Friday, July 12, 2013

Work of the Day, While of the Day

You are trying and striving, working and failing, scraping by, until you feel dead inside and are all but willing to say you are done unless you work it out, then you work it out - a bolt from the blue, some say - but it's really just logical, or at least it's a result. It has happened hundreds of times you can be sure.

This is how it always happens.

And every time the near death is real. Like a walking shell, taking care of business but clueless. You want to stay home, fuck work. Just sleep. Screw that. Hours go by, you put yourself right, somehow. That circumstance or set-up. Then the leap, which after all is just progression, or a bit of mental-solar accounting adding up.

Tell me, what literary theory accounts for that? None that I know of. So we are left with this and religion, or just this and us.

I like the religion add-on, because I recognize that I don't make sense in a way I can fully account for or depend on, or explain in a form that would prompt replication of the experiment or effect. I have so little to say for something matter so much to me that would help or prompt a meaningful reply.

All too common, this dithering. The white coat and fresh-cleaned test tubes. Charts. Autumn light, lite. I can hardly explain the last few weeks, let alone a life. So here's the loose outline style.

Try to write poems. Fail.

Write religious poems. Fail.

Get idea about Open Catholic as a means of relating the dual/hinged accountability of self-identification and granting all others their identity. Idea about publishing religious books/poems/literatures under Open Catholic.

....dying inside...

Writing today this prayerful text, with no mention of prayer, God, Lord, light, hands, etc., etc. -
 
blue fall rain
stay desk rain
tops fall blue
then stay when
 
 
wind stop rain
come leap that
this hold near
lean into then
 
leaf stil glas
send iron send
come stay that
said iron blue
and this contemplative text -
 
The ironic one, I lost his number,
a shuffling of clogs, taxi signals
before we could adjust - which has
nothing to do with work. Look, I’m
on a tight schedule. Language is a
record of the liquid setting. This
can be forced. Versus this sort of
“narrative” or “facts” we want, or
we make the appropriate noises. So
it’s contract day. I love how they
just kind of drop by with the look
the eyes like coins of the vending
machine of love. You do this again
 

So, this is what I have needed to do. It is new as being written in the mind of the Open Catholic project, which, clearly should not be merely conventional "Christian" writing, though I can see opportunities to usurp myself and include my own rosary texts and ideas, and drawings, whether one thing or another, etc.
 

It's funny is what it is.

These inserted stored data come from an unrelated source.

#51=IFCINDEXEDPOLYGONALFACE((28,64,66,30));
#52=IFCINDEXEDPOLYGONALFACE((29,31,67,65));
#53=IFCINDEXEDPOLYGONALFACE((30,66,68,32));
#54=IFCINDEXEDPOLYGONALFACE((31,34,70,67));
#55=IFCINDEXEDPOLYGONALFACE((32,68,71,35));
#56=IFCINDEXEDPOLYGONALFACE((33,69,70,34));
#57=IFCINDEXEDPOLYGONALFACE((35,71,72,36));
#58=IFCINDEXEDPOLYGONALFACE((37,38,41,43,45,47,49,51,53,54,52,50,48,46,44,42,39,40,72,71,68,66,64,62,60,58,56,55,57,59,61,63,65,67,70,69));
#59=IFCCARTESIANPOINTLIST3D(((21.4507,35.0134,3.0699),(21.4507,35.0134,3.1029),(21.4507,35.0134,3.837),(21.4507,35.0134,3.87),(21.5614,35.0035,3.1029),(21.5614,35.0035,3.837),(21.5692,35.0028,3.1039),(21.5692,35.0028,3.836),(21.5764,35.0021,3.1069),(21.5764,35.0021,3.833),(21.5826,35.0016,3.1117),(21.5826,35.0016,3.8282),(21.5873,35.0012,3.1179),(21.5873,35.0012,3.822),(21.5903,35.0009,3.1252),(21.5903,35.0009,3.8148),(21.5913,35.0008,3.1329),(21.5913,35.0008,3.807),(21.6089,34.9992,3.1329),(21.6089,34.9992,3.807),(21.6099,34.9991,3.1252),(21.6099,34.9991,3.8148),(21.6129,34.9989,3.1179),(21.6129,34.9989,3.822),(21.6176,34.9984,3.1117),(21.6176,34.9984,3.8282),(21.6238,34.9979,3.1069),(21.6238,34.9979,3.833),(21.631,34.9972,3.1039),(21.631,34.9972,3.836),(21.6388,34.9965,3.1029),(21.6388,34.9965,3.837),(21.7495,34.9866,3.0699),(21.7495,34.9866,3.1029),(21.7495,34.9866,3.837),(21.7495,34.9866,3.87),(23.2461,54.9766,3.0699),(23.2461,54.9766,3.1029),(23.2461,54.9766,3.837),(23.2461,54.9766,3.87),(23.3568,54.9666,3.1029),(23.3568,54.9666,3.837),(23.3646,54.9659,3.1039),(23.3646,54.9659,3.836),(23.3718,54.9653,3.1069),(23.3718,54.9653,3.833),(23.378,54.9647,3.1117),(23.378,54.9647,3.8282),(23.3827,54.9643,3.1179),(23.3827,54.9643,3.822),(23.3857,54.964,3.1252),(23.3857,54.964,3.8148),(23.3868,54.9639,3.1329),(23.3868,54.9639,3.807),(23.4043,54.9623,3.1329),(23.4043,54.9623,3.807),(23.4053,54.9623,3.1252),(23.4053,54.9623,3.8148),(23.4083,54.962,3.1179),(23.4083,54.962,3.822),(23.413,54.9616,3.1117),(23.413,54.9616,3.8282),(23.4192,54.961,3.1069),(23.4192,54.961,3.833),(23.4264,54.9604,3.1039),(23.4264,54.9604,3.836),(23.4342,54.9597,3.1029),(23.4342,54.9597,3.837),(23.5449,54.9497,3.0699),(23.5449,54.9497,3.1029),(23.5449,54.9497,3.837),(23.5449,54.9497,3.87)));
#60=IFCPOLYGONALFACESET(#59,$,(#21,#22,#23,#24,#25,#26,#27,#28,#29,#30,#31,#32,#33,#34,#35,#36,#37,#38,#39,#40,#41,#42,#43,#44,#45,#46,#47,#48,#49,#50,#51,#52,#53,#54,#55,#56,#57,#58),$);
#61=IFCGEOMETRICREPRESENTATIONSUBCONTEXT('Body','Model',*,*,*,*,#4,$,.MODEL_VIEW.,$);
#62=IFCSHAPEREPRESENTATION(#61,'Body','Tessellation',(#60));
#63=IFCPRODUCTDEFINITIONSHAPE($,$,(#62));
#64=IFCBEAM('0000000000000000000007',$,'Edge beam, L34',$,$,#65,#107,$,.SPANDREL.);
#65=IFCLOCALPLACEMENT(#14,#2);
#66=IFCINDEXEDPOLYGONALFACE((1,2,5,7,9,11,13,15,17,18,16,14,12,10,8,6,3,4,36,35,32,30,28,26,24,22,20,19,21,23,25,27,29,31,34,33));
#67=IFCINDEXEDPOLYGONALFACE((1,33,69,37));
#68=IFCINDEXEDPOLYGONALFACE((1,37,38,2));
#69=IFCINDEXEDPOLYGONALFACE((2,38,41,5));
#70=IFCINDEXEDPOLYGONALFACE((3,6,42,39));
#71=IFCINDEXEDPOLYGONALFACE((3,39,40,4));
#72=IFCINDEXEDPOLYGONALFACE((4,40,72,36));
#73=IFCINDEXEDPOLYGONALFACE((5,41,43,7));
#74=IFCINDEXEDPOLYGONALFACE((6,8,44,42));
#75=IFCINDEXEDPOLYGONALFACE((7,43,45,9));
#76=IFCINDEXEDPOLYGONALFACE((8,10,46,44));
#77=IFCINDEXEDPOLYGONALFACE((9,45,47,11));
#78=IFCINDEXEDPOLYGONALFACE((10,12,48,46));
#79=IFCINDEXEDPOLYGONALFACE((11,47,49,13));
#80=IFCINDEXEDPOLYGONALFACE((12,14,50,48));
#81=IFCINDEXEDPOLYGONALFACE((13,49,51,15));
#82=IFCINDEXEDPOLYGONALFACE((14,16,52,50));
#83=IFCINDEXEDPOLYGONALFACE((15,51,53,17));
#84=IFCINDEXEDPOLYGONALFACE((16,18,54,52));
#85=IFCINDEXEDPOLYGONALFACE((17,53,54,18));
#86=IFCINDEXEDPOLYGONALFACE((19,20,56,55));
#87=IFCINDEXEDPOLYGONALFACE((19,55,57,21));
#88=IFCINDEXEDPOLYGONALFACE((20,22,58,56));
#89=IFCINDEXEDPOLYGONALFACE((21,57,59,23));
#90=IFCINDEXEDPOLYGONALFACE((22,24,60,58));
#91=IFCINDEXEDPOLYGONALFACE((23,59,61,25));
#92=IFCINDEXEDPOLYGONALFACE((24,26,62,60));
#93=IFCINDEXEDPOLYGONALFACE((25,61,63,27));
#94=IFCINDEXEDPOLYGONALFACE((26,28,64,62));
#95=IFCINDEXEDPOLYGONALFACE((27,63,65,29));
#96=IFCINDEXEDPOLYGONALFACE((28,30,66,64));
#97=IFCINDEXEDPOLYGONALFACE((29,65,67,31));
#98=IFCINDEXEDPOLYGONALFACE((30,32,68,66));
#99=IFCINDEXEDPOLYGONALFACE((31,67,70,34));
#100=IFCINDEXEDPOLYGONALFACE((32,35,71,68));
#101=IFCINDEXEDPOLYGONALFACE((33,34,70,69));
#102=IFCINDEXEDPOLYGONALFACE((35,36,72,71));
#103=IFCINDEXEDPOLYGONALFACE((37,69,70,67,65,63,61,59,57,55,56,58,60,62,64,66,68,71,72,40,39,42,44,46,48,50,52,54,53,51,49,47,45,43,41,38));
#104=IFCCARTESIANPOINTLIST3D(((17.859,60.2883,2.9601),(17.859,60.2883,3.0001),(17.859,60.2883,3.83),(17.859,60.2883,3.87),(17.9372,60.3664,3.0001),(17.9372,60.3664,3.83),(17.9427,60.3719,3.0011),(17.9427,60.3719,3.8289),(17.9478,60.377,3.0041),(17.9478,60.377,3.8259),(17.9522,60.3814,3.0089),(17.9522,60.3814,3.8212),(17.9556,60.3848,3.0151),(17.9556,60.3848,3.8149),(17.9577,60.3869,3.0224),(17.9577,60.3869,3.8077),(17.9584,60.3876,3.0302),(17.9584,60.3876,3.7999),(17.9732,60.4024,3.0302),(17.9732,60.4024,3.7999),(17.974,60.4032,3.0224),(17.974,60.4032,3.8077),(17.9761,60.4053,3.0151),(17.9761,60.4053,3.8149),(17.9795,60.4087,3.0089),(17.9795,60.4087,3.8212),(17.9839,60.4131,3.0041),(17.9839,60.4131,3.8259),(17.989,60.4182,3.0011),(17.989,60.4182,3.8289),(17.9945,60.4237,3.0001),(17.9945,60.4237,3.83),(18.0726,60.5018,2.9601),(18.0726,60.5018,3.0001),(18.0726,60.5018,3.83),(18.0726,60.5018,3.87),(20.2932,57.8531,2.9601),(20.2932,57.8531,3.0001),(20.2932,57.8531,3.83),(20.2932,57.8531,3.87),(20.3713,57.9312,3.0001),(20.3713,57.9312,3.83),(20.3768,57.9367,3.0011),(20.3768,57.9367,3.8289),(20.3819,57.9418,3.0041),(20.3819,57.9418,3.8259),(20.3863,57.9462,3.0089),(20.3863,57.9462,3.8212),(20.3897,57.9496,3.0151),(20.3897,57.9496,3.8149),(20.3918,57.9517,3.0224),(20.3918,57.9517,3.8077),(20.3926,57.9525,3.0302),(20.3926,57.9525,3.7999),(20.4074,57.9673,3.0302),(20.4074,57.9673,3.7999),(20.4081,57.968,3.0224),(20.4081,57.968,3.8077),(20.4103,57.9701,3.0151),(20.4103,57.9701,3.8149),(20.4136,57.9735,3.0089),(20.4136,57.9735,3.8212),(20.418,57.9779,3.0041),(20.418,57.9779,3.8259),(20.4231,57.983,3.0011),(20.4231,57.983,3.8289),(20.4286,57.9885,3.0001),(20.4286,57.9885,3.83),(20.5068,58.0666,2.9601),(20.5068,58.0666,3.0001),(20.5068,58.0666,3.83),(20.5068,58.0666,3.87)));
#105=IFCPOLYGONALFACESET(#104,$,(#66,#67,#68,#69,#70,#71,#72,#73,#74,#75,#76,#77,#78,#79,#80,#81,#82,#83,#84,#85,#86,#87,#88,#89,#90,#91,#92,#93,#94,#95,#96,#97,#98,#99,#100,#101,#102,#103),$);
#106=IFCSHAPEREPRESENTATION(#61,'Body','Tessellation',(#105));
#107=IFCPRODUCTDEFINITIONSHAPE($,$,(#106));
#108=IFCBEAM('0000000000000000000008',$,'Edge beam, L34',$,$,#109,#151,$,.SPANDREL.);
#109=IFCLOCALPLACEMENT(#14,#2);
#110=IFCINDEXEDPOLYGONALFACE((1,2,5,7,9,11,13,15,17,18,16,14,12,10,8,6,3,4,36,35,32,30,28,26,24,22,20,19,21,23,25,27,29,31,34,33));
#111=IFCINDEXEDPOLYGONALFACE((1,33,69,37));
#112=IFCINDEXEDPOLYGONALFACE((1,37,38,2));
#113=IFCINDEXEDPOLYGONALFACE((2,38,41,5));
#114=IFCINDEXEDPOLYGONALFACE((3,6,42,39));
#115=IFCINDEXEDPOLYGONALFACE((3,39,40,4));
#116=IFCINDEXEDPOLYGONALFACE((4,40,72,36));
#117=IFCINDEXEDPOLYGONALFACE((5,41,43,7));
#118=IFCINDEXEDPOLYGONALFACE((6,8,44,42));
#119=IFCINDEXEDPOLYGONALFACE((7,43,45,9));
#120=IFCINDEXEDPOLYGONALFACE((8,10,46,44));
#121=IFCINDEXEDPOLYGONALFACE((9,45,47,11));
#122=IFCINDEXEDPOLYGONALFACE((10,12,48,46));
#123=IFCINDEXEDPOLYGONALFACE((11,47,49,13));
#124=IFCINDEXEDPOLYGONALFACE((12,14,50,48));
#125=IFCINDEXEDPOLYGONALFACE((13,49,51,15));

I went outside for a cigarette (I almost always write in quiet little bars, this one being the North Bar on Division, near home) and thought, well, Lord, you had this all figured out, didn't you.
 
But this is not a religious blog. It is a blog firmly dedicated to concrete formalism, or form as realized in the visual, in what is present; or the concretion of procedure. One does not animate or serve language or the reader with abstract terms in one's attempt to provide principal or at least secondary materials. I am religious and so blame God; if I am religious poorly, blame me.
 
I am interested of late in the form of social occurrences. Ugh. That there is a lot to unload there. I mean, at the practical end of the spectrum, that how our actions or procedures can be represented or replicated; and at the more abstract end, how it is that one can make something occur, and the representations that are available to oneself in these acts.
 
And, so, this is not a religious blog. But let me say, that the process, if that is what it is, that I alluded to in opening this post, has been in place in my experience for a long, long time. As far back as I can recall since I began functioning creatively, so that would be over thirty years now. Yes, and perhaps it is simply a matter of the course of inclinations following the formal logic of effective outcomes, but my understanding has changed, or clarified. I knew all along of course that clarity was not only mine to be grateful for, that something more mattered. If I have a name or title to whom I address my gratitude, or amusement, or humility, is that such a bad thing?
 
This is not a religious blog, and only marginally a poetry or theory blog. What is the recurrent notion, underwritten?
 
We cannot afford not to fail; we cannot afford not to succeed, gloriously.
 
Okay. Maybe it is a religious blog. Maybe all art is at its base coined from a religious (or at least faith-driven) mentality. Ode to Rimbaud, etc.